Much the same as the bZ4X, with just a few tweaks. The Solterra’s base price of $44,995 (before destination charge and EV tax incentives) is roughly $3,000 higher than the Toyota, in part because the Subie comes standard with all-wheel drive. Subaru does have the advantage of tax credits—Toyota has sold enough plug-in hybrids in the U.S. to have maxed out the federal rebate. For now that makes the Subaru effectively cheaper than the Toyota after federal rebates, but that’s not a long-term solution, especially when you consider how many similarly-sized, internal combustion-powered crossovers price well below $40,000.
Subaru says its customers are “willing to make sacrifices to own a vehicle that doesn’t pollute the environment,” citing its own market research studies. But the sacrifices here are considerable — a maximum of 228 miles of range, with arguably less off-road capability than a base Forester.
Specs To Know
- Starting MSRP: $44,995
- Range: 222 mi (Limited and Touring models), 228 mi (Premium)
- AWD standard
- 215 hp
- 249 lb-ft torque
- 72.8 kWh battery
- 80% charge in 56 minutes on DC fast charging, full charge in 9 hours from Level 2
The Verdict
Before arriving to the Solterra drive event, I had one big question: Is this thing weird enough to be a Subaru? The answer is a resounding yes. But in California, a new question sprung to mind: Is the Solterra a Subaru for EV buyers, or an EV for Subaru buyers?
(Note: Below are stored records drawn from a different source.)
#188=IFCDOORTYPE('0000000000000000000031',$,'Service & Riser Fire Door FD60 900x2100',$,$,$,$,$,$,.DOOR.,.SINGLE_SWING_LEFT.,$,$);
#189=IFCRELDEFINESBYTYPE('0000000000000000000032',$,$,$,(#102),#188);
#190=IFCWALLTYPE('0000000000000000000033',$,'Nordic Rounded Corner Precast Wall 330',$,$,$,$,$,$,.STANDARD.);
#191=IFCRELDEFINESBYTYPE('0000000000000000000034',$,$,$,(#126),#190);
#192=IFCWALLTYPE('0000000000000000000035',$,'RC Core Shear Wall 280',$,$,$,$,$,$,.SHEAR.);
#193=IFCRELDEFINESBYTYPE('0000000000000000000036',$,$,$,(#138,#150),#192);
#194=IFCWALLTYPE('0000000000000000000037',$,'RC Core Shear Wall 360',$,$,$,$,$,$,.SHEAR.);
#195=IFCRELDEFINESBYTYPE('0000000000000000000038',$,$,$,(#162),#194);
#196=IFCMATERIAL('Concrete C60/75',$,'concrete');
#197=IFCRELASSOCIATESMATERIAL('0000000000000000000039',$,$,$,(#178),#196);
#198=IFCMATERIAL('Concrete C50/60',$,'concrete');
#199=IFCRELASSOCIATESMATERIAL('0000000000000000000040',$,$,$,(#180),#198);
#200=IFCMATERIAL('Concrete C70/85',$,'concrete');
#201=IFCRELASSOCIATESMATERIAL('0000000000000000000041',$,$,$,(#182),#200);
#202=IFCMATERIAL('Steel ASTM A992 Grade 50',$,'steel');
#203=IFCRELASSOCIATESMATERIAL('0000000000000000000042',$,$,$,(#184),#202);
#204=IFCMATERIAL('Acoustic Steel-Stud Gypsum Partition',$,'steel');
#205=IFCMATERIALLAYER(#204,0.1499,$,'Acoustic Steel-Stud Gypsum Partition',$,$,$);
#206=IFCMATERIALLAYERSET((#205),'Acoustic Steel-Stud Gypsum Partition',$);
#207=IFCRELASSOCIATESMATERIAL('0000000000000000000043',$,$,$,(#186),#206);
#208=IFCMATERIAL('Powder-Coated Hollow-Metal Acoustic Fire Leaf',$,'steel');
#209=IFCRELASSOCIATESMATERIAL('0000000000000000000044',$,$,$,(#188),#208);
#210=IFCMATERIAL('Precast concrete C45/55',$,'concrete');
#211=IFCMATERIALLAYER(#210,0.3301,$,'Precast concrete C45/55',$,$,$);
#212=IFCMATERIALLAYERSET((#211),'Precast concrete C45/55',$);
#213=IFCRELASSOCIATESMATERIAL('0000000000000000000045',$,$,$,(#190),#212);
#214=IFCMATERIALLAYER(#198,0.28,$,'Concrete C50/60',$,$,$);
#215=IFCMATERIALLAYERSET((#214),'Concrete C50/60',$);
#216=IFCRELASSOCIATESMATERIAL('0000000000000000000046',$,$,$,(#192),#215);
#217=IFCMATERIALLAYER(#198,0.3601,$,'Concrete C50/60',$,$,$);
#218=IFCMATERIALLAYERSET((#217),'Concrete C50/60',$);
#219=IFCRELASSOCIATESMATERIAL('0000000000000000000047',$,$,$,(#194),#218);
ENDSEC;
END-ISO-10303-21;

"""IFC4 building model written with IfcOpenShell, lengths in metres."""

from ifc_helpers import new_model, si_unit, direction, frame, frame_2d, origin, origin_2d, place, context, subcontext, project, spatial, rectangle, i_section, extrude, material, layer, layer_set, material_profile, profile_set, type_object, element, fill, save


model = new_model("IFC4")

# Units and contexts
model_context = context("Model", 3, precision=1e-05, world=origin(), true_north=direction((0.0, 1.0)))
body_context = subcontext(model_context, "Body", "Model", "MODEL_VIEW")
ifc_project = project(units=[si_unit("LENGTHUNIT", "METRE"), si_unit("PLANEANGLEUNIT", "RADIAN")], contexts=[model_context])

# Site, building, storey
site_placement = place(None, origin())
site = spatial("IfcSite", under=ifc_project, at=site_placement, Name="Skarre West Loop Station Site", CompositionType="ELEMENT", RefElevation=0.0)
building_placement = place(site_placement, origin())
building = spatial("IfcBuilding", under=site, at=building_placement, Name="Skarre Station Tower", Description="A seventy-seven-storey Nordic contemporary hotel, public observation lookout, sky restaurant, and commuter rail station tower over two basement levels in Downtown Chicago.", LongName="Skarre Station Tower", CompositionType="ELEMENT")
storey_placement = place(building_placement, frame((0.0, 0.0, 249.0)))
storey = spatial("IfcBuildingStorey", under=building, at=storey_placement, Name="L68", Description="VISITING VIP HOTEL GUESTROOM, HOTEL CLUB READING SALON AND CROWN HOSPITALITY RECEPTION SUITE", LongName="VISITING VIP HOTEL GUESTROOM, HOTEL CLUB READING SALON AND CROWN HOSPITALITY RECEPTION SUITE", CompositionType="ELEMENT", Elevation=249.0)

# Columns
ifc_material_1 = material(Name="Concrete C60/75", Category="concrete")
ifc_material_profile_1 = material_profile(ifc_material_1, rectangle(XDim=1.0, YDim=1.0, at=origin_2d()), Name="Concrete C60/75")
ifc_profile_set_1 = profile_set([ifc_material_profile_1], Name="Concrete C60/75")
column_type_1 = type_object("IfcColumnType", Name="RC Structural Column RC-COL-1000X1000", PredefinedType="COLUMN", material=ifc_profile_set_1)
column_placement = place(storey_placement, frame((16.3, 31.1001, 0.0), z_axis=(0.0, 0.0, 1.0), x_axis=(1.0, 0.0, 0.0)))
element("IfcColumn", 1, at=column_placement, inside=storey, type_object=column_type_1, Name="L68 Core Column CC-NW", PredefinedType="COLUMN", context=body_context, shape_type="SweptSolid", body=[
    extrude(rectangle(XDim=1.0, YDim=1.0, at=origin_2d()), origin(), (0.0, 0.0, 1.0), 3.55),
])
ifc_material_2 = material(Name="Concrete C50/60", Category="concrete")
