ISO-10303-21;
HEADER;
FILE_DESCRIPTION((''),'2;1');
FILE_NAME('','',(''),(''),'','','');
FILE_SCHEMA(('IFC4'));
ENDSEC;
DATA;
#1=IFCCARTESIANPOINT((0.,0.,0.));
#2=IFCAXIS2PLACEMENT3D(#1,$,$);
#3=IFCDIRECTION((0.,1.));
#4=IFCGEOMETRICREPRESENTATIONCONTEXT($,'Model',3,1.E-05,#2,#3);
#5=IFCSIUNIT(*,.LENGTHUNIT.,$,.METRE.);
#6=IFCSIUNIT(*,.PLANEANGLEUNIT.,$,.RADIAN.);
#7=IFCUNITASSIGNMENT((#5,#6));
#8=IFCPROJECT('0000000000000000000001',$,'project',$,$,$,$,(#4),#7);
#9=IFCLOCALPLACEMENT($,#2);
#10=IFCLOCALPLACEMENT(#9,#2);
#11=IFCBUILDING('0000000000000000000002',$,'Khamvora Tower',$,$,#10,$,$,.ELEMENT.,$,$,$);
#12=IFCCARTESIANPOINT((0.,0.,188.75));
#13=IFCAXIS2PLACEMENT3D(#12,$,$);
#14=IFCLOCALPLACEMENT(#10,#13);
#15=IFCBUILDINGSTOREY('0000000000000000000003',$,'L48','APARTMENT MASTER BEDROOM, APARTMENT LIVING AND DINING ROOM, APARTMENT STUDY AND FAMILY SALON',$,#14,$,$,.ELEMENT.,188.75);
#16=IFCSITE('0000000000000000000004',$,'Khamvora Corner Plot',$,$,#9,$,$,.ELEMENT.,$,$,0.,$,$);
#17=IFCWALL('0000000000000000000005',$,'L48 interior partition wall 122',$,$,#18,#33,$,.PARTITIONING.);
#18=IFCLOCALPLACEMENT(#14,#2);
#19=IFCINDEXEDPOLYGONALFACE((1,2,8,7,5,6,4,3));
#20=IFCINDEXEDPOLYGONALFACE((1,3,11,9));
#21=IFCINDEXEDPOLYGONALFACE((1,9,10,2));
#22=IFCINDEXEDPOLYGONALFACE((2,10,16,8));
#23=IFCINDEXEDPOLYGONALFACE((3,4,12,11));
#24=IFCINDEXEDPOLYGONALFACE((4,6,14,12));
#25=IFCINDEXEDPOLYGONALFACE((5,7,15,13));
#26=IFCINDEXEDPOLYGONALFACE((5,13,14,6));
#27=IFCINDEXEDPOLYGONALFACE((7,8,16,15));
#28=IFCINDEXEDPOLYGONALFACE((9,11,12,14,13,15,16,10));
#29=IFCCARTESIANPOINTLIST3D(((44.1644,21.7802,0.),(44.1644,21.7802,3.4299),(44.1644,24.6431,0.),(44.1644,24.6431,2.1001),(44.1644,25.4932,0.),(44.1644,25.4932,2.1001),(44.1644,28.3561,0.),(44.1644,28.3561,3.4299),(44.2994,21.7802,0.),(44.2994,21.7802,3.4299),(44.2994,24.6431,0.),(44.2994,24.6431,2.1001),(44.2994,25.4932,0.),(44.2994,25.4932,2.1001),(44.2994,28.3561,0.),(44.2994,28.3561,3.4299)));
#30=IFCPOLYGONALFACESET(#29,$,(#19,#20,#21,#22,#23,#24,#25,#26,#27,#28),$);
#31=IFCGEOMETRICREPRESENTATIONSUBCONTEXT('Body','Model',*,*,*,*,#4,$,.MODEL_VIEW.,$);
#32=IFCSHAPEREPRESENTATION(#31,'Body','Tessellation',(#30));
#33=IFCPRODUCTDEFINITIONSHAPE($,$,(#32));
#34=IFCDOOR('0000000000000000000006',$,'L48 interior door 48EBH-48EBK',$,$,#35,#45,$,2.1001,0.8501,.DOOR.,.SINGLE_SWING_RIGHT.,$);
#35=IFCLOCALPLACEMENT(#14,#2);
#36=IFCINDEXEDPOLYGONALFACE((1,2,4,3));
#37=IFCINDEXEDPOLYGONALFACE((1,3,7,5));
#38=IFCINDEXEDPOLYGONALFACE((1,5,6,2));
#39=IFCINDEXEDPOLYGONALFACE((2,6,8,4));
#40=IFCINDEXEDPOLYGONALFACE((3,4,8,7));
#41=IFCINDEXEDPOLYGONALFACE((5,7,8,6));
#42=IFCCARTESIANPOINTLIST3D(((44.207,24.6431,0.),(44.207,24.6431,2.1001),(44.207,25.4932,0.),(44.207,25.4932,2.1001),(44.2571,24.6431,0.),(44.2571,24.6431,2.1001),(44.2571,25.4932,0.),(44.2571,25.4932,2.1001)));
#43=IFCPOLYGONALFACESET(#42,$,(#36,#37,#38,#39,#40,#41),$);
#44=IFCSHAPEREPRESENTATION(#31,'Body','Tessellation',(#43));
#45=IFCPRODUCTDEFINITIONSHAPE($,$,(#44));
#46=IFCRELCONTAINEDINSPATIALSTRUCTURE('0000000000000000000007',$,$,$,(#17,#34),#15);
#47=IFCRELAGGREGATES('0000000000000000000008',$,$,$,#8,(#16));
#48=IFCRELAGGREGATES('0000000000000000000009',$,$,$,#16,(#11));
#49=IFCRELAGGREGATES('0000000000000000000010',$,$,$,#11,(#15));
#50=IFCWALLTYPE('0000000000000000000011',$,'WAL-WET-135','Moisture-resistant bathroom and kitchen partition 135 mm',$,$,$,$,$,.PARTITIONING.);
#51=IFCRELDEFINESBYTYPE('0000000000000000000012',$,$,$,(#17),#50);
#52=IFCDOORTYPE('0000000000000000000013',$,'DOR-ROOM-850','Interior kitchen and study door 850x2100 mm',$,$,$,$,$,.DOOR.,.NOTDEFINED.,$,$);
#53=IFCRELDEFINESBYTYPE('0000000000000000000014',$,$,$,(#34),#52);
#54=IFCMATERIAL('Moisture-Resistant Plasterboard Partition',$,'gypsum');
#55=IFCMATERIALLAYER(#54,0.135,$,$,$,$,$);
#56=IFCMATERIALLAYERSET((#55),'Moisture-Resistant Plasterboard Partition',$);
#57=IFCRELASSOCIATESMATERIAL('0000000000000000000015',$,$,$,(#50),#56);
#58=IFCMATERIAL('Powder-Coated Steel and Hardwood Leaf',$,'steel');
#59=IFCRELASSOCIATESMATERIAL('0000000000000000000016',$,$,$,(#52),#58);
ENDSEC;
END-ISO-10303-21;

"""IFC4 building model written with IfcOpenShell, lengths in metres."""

from ifc_helpers import new_model, si_unit, direction, frame, frame_2d, origin, place, context, subcontext, project, spatial, rectangle, extrude, material, layer, layer_set, type_object, element, fill, save


model = new_model("IFC4")

# Units and contexts
model_context = context("Model", 3, precision=1e-05, world=origin(), true_north=direction((0.0, 1.0)))
body_context = subcontext(model_context, "Body", "Model", "MODEL_VIEW")
ifc_project = project(units=[si_unit("LENGTHUNIT", "METRE"), si_unit("PLANEANGLEUNIT", "RADIAN")], contexts=[model_context])

# Site, building, storey
site_placement = place(None, origin())
site = spatial("IfcSite", under=ifc_project, at=site_placement, Name="Khamvora Corner Plot", CompositionType="ELEMENT", RefElevation=0.0)
building_placement = place(site_placement, origin())
building = spatial("IfcBuilding", under=site, at=building_placement, Name="Khamvora Tower", CompositionType="ELEMENT")
storey_placement = place(building_placement, frame((0.0, 0.0, 188.75)))
storey = spatial("IfcBuildingStorey", under=building, at=storey_placement, Name="L48", Description="APARTMENT MASTER BEDROOM, APARTMENT LIVING AND DINING ROOM, APARTMENT STUDY AND FAMILY SALON", CompositionType="ELEMENT", Elevation=188.75)

# Shared definitions
ifc_material_1 = material(Name="Powder-Coated Steel and Hardwood Leaf", Category="steel")

# Wall, opening, door
ifc_material_2 = material(Name="Moisture-Resistant Plasterboard Partition", Category="gypsum")
ifc_layer_1 = layer(ifc_material_2, 0.135)
ifc_layer_set_1 = layer_set([ifc_layer_1], Name="Moisture-Resistant Plasterboard Partition")
wall_type_1 = type_object("IfcWallType", Name="WAL-WET-135", Description="Moisture-resistant bathroom and kitchen partition 135 mm", PredefinedType="PARTITIONING", material=ifc_layer_set_1)
wall_1_placement = place(storey_placement, frame((44.2319, 21.78, 0.0), z_axis=(0.0, 0.0, 1.0), x_axis=(0.0, 1.0, 0.0)))
wall_1 = element("IfcWall", 1, at=wall_1_placement, inside=storey, type_object=wall_type_1, Name="L48 interior partition wall 122", PredefinedType="PARTITIONING", context=body_context, shape_type="SweptSolid", body=[
    extrude(rectangle(XDim=6.5759, YDim=0.135, at=frame_2d((3.2881, 0.0))), origin(), (0.0, 0.0, 1.0), 3.4299),
])
opening_1_placement = place(wall_1_placement, frame((2.863, 0.0, 0.0)))
opening_1 = element("IfcOpeningElement", 2, at=opening_1_placement, cuts=wall_1, PredefinedType="OPENING", context=body_context, shape_type="SweptSolid", body=[
    extrude(rectangle(XDim=0.8501, YDim=2.1001, at=frame_2d((0.425, 1.05))), frame((0.0, 0.0774, 0.0), z_axis=(0.0, -1.0, 0.0), x_axis=(1.0, 0.0, 0.0)), (0.0, 0.0, 1.0), 0.155),
])
door_type_1 = type_object("IfcDoorType", Name="DOR-ROOM-850", Description="Interior kitchen and study door 850x2100 mm", OperationType="NOTDEFINED", PredefinedType="DOOR", material=ifc_material_1)
door_1_placement = place(opening_1_placement, origin())
door_1 = element("IfcDoor", 3, at=door_1_placement, inside=storey, type_object=door_type_1, Name="L48 interior door 48EBH-48EBK", OperationType="SINGLE_SWING_RIGHT", OverallHeight=2.1001, OverallWidth=0.8501, PredefinedType="DOOR", context=body_context, shape_type="SweptSolid", body=[
    extrude(rectangle(XDim=0.8501, YDim=2.1001, at=frame_2d((0.425, 1.05))), frame((0.0, 0.0249, 0.0), z_axis=(0.0, -1.0, 0.0), x_axis=(1.0, 0.0, 0.0)), (0.0, 0.0, 1.0), 0.05),
])
fill(opening_1, door_1)

save(model, "model.ifc")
The answer to that one is tricker. The Solterra’s base price is high, and “Symmetrical” all-wheel drive isn’t much of a standout feature when so many EVs have dual motors anyway. There’s little to make the Subaru stand out from other EVs on the market, and little to entice you to choose it over, say, a Mustang Mach-E.
The Solterra, then, is an EV for the Subaru faithful. Given that Subaru has already sold basically all its Solterras for 2022, the faithful appear to have eaten it up. But the Solterra doesn’t appear to do anything a Forester can’t, and it asks a $20,000 premium for the singular selling point of “being electric.” That’s a trade some people are clearly willing to make right now, in the first year of production. But how long will that last?
Subaru wants Solterra owners to visit the great outdoors, but will range anxiety dissuade them? Subaru owners seem to keep their cars forever, but will that hold true when EV batteries degrade? The Solterra is a perfectly fine adventure vehicle for the weekend warrior, but in such a crowded market, it’s unclear how it will fare in the weekend wars.